Despite the rollout of the government’s Self-Employment Income Support Scheme (SEISS), almost a quarter (24%) of the self-employed have had to use most or all of their savings for day-to-day expenses, with nearly one in five (18%) using a credit card or overdraft to support themselves during COVID.

While 57% were still able to set aside savings for later in life and for retirement, 13% said debt incurred during the pandemic had prevented them from saving for later in life as much as would like to and 7% said debt meant they hadn’t been able to save at all.

Andy Chamberlain, policy director at IPSE, said: “Today’s research paints a mixed picture of the self-employment landscape. While at IPSE we welcome the increase in demand and the shift of some full-time employees to self-employment, it is clear that COVID-19 has been devastating for entrepreneurs. After 11 years of continuous growth, the number of self-employed has increased from 5 million in 2019 to 4.1 million in 2021. Additionally, for thousands of those who remained self-employed, they lost their jobs, got into debt and were severely affected. impacted by the IR35 reforms in April 2021.

“As we (hopefully) begin to recover from the pandemic, the government needs to clear up the confusion around IR35 and help the self-employed who got into debt during the lockdown.”

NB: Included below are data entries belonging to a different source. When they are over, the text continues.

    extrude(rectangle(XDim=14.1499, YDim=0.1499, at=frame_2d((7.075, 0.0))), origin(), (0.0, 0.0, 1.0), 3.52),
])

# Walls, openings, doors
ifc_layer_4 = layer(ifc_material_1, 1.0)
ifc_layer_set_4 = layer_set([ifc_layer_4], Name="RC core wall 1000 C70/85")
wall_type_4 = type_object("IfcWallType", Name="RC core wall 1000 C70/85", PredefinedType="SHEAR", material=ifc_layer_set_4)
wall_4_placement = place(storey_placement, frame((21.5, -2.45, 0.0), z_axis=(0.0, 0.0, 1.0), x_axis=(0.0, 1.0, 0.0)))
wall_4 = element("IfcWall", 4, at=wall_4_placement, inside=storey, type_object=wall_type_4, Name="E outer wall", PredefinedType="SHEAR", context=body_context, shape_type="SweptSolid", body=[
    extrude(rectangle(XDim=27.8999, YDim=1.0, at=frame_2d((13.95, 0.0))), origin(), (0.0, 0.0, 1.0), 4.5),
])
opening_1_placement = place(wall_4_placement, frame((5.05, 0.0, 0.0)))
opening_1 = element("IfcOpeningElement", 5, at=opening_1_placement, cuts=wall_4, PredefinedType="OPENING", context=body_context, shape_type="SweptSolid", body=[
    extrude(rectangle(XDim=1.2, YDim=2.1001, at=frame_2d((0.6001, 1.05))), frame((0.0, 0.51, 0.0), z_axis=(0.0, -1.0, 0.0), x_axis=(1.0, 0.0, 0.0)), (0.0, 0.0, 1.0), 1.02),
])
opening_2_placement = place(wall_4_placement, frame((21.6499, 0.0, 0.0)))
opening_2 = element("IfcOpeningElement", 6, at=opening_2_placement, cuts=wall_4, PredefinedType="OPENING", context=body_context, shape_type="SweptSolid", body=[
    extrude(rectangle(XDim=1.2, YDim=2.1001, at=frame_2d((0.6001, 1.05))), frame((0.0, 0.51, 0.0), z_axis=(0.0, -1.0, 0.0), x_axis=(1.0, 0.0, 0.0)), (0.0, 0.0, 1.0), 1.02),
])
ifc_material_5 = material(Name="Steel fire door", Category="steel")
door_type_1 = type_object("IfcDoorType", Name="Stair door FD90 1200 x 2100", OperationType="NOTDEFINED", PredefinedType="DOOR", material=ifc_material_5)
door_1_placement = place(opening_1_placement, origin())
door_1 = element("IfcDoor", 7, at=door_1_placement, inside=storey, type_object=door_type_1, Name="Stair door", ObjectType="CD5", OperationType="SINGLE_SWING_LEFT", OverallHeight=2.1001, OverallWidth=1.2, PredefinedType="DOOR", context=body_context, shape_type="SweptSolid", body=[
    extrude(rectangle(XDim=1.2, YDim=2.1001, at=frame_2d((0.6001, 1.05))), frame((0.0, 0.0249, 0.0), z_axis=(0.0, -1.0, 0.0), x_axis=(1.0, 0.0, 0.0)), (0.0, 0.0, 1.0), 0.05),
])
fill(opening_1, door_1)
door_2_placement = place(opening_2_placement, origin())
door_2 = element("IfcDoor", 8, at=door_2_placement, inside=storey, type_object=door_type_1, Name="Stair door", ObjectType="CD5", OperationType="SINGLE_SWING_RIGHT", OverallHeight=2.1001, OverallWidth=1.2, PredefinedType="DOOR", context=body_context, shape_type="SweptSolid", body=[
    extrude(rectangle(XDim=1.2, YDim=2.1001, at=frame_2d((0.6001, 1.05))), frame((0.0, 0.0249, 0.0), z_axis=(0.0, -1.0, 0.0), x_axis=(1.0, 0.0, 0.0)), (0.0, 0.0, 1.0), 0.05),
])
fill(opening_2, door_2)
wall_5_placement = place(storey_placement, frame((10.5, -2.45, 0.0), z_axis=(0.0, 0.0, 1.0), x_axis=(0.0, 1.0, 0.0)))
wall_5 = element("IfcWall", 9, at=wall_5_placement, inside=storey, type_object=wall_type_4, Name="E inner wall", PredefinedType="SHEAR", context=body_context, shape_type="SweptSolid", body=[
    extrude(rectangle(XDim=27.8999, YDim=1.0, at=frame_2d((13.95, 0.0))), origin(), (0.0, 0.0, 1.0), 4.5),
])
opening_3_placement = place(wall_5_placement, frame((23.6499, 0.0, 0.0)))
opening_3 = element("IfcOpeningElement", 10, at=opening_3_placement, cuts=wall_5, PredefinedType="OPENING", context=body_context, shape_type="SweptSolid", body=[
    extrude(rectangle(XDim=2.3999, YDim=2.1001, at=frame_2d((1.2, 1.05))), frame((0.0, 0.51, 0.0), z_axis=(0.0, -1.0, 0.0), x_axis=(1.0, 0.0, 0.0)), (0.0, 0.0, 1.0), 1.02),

Morten Petersen, CEO and co-founder of Worksome, added: “While the freelance market is vibrant again, it is clear that the darker days of the pandemic and lockdown will impact the freelance community for coming years. It is crucial that government, business and civil society come together to support this group of essential workers who have not necessarily been as financially supported during the pandemic as others. Meanwhile, unfair tax rules on COVID relief grants continue to penalize this group of often highly skilled workers who contribute £162billion to the UK economy.